A variety of routing algorithms for ad hoc networks have been proposed. One of the more interesting ones is the AODV (Ad hoc On-demand Distance Vector) routing algorithm (Perkins and Royer, 1999). It is a distant relative of the Bellman-Ford distance vector algorithm but adapted to work in a mobile environment and takes into account the limited bandwidth and low battery life found in this environment. Another unusual characteristic is that it is an on-demand algorithm, that is, it determines a route to some destination only when somebody wants to send a packet to that destination. Let us now see what that means.

Route Discovery

At any instant of time, an ad hoc network can be described by a graph of the nodes (routers + hosts). Two nodes are connected (i.e., have an arc between them in the graph) if they can communicate directly using their radios. Since one of the two may have a more powerful transmitter than the other, it is possible that A is connected to B but B is not connected to A. However, for simplicity, we will assume all connections are symmetric. It should also be noted that the mere fact that two nodes are within radio range of each other does not mean that they are connected. There may be buildings, hills, or other obstacles that block their communication.

To describe the algorithm, consider the ad hoc network of Fig. 5-20, in which a process at node A wants to send a packet to node I. The AODV algorithm maintains a table at each node, keyed by destination, giving information about that destination, including which neighbor to send packets to in order to reach the destination. Suppose that A looks in its table and does not find an entry for I. It now has to discover a route to I. This property of discovering routes only when they are needed is what makes this algorithm ''on demand.''

Figure 5-20. (a) Range of A's broadcast. (b) After B and D have received A's broadcast. (c) After C, F, and G have received A's broadcast. (d) After E, H, and I have received A's broadcast. The shaded nodes are new recipients. The arrows show the possible reverse routes.

To locate I, A constructs a special ROUTE REQUEST packet and broadcasts it. The packet reaches B and D, as illustrated in Fig. 5-20(a). In fact, the reason B and D are connected to A in the graph is that they can receive communication from A. F, for example, is not shown with an arc to A because it cannot receive A's radio signal. Thus, F is not connected to A.

The format of the ROUTE REQUEST packet is shown in Fig. 5-21. It contains the source and destination addresses, typically their IP addresses, which identify who is looking for whom. It also contains a Request ID, which is a local counter maintained separately by each node and incremented each time a ROUTE REQUEST is broadcast. Together, the Source address and Request ID fields uniquely identify the ROUTE REQUEST packet to allow nodes to discard any duplicates they may receive.

Figure 5-21. Format of a ROUTE REQUEST packet.

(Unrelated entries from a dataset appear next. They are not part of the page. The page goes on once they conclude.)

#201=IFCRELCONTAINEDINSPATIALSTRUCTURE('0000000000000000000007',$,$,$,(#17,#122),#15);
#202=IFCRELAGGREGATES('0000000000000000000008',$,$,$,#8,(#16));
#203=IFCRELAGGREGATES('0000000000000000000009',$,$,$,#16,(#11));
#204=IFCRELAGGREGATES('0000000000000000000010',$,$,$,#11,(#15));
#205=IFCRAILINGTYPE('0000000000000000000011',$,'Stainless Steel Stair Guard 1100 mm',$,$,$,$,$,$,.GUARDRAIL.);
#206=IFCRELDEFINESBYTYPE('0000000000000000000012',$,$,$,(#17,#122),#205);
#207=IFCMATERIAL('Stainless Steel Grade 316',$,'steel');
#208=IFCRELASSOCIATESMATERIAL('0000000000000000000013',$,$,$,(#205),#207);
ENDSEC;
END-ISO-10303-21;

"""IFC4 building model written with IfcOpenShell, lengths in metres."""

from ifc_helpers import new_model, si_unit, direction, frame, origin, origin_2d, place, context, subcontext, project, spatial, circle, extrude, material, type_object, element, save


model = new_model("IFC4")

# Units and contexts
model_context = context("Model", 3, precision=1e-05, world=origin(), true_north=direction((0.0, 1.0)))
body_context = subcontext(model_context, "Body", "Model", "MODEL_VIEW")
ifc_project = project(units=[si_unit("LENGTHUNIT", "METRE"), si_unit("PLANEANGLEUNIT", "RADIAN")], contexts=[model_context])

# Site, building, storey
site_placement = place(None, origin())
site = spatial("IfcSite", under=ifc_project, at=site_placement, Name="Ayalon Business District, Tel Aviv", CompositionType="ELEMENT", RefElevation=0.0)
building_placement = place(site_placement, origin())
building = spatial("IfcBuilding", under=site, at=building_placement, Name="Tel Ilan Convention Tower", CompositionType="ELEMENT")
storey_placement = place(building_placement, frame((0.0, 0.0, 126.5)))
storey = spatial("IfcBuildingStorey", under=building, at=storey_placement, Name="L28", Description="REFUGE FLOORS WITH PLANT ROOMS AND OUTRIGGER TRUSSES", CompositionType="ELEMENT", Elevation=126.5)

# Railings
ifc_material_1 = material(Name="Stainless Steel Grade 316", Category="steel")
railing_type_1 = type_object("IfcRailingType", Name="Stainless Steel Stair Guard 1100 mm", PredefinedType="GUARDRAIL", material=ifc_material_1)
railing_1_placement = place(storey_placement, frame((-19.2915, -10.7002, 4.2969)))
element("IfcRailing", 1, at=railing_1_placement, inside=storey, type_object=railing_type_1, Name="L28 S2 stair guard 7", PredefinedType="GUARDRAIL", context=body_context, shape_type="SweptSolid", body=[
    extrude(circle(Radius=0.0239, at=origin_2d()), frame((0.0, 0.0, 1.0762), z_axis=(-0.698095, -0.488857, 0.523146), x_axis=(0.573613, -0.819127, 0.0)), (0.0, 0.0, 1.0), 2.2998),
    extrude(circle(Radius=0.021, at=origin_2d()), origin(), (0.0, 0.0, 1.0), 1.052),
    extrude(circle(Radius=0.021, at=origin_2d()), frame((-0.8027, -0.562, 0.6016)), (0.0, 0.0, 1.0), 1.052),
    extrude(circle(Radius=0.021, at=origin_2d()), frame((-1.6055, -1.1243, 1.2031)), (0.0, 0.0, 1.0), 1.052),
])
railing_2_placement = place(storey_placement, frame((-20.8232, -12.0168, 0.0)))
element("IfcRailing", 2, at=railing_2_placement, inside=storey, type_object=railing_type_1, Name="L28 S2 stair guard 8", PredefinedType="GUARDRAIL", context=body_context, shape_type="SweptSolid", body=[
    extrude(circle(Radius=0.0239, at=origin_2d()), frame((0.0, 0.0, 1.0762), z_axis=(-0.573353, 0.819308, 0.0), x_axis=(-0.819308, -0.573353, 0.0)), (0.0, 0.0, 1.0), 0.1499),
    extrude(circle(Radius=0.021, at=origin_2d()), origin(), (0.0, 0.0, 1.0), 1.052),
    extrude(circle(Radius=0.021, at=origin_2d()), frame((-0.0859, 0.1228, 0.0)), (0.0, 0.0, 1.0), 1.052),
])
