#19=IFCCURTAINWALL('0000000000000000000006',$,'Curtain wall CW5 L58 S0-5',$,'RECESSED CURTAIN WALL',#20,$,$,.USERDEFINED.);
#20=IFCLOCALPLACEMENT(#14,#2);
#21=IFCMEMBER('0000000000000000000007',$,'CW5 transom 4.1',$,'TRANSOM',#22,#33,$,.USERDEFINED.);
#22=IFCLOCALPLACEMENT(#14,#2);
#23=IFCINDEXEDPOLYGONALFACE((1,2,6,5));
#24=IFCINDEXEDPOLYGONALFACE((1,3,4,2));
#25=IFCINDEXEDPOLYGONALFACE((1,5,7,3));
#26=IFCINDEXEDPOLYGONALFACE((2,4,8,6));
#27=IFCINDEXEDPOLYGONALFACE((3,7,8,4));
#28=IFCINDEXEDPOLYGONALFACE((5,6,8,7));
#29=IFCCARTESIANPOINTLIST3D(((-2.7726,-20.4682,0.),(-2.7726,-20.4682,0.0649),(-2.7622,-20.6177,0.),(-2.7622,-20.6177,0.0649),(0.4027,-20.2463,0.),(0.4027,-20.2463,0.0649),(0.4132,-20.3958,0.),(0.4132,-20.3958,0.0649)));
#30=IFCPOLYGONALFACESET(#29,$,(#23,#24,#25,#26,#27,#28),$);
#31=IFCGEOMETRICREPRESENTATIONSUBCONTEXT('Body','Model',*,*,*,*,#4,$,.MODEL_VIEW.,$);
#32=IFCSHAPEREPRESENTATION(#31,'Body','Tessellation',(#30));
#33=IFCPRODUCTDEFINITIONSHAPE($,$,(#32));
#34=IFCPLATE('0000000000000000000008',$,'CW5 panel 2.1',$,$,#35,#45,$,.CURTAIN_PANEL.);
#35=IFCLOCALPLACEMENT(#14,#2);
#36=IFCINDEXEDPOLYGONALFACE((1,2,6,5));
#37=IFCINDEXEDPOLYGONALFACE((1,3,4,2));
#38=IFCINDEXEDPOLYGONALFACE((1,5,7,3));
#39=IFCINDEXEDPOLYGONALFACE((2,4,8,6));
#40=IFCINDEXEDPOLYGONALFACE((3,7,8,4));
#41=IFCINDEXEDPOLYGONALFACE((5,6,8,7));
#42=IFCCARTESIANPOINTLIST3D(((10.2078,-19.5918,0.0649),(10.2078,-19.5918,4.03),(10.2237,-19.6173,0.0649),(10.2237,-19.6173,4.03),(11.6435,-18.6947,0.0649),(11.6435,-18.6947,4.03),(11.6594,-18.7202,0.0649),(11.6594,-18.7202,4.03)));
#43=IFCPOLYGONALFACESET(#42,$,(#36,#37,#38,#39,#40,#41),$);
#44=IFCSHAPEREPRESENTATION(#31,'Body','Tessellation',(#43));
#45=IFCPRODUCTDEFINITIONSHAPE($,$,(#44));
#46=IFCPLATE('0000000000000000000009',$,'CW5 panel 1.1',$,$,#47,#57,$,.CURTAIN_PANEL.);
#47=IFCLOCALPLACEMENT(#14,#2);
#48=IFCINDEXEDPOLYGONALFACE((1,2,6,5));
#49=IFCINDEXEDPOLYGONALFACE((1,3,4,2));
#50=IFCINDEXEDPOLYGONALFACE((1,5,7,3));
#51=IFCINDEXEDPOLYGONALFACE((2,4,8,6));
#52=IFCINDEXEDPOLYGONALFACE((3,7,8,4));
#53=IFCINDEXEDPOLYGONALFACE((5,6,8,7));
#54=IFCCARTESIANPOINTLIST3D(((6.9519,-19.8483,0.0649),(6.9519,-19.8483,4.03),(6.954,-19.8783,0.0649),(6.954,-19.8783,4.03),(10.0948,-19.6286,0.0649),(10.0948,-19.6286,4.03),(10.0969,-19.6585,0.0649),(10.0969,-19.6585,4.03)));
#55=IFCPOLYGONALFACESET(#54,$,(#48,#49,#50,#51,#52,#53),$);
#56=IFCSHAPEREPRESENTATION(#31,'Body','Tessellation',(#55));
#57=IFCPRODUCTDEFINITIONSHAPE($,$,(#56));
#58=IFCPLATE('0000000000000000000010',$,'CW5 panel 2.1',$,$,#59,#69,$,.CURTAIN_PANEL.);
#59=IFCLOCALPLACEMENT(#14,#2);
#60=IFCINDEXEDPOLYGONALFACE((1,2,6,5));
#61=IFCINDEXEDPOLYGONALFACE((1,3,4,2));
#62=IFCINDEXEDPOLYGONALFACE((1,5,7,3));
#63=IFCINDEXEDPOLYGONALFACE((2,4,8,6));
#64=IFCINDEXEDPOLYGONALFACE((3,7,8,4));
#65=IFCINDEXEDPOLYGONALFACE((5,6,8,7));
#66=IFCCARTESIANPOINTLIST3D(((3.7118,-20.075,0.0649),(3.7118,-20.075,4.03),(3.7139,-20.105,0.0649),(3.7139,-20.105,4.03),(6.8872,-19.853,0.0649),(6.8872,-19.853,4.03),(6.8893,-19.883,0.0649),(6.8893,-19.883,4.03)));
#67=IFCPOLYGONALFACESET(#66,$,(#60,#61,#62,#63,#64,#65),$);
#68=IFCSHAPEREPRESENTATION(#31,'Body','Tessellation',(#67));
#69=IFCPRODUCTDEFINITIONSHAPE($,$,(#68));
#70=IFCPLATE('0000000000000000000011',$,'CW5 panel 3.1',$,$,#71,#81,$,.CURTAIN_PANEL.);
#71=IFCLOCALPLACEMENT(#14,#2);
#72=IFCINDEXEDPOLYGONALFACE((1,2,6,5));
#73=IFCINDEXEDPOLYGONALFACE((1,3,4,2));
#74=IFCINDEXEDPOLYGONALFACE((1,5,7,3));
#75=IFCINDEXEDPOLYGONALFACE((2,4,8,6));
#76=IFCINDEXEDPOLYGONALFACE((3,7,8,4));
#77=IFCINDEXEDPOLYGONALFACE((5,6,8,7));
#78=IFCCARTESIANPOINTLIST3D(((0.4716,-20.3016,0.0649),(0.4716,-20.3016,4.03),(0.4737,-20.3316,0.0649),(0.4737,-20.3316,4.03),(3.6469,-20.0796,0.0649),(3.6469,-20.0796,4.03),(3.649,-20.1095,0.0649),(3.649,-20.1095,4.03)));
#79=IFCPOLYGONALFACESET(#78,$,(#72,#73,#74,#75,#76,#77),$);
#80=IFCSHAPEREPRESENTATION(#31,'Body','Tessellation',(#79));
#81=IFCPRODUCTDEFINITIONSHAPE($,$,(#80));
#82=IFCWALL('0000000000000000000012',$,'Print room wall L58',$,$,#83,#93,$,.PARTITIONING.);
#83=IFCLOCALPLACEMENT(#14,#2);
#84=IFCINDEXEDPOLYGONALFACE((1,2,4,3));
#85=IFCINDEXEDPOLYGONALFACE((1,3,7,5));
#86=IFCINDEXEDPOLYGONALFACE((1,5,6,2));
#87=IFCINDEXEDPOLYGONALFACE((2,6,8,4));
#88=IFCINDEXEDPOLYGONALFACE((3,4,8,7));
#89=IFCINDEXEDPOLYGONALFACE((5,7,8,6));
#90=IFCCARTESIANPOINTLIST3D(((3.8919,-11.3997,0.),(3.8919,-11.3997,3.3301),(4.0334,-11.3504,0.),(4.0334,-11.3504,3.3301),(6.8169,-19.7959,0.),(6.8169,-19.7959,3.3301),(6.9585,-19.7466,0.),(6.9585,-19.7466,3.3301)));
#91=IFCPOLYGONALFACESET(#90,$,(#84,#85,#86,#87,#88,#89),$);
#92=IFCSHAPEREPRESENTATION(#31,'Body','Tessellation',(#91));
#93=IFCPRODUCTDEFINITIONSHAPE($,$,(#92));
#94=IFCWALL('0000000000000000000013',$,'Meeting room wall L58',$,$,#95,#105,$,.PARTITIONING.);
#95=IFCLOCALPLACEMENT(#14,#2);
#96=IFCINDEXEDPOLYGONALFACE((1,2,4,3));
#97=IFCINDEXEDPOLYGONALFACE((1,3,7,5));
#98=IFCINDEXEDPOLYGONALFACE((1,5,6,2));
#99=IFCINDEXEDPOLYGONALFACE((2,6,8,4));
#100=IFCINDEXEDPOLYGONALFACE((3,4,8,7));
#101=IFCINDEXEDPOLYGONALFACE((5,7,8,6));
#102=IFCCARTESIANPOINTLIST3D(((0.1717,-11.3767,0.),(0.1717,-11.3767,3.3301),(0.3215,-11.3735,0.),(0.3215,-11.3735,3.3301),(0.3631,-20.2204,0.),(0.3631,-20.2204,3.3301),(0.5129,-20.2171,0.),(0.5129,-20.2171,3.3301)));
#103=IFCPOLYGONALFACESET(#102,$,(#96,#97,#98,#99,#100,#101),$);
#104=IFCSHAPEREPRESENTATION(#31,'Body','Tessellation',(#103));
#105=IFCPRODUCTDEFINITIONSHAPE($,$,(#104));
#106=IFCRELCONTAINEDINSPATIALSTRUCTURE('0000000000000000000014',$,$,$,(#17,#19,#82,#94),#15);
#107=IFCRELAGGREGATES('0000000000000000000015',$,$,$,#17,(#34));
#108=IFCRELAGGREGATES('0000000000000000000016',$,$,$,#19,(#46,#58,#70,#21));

In addition to the Request ID counter, each node also maintains a second sequence counter incremented whenever a ROUTE REQUEST is sent (or a reply to someone else's ROUTE REQUEST). It functions a little bit like a clock and is used to tell new routes from old routes. The fourth field of Fig. 5-21 is A's sequence counter; the fifth field is the most recent value of I's sequence number that A has seen (0 if it has never seen it). The use of these fields will become clear shortly. The final field, Hop count, will keep track of how many hops the packet has made. It is initialized to 0.

When a ROUTE REQUEST packet arrives at a node (B and D in this case), it is processed in the following steps.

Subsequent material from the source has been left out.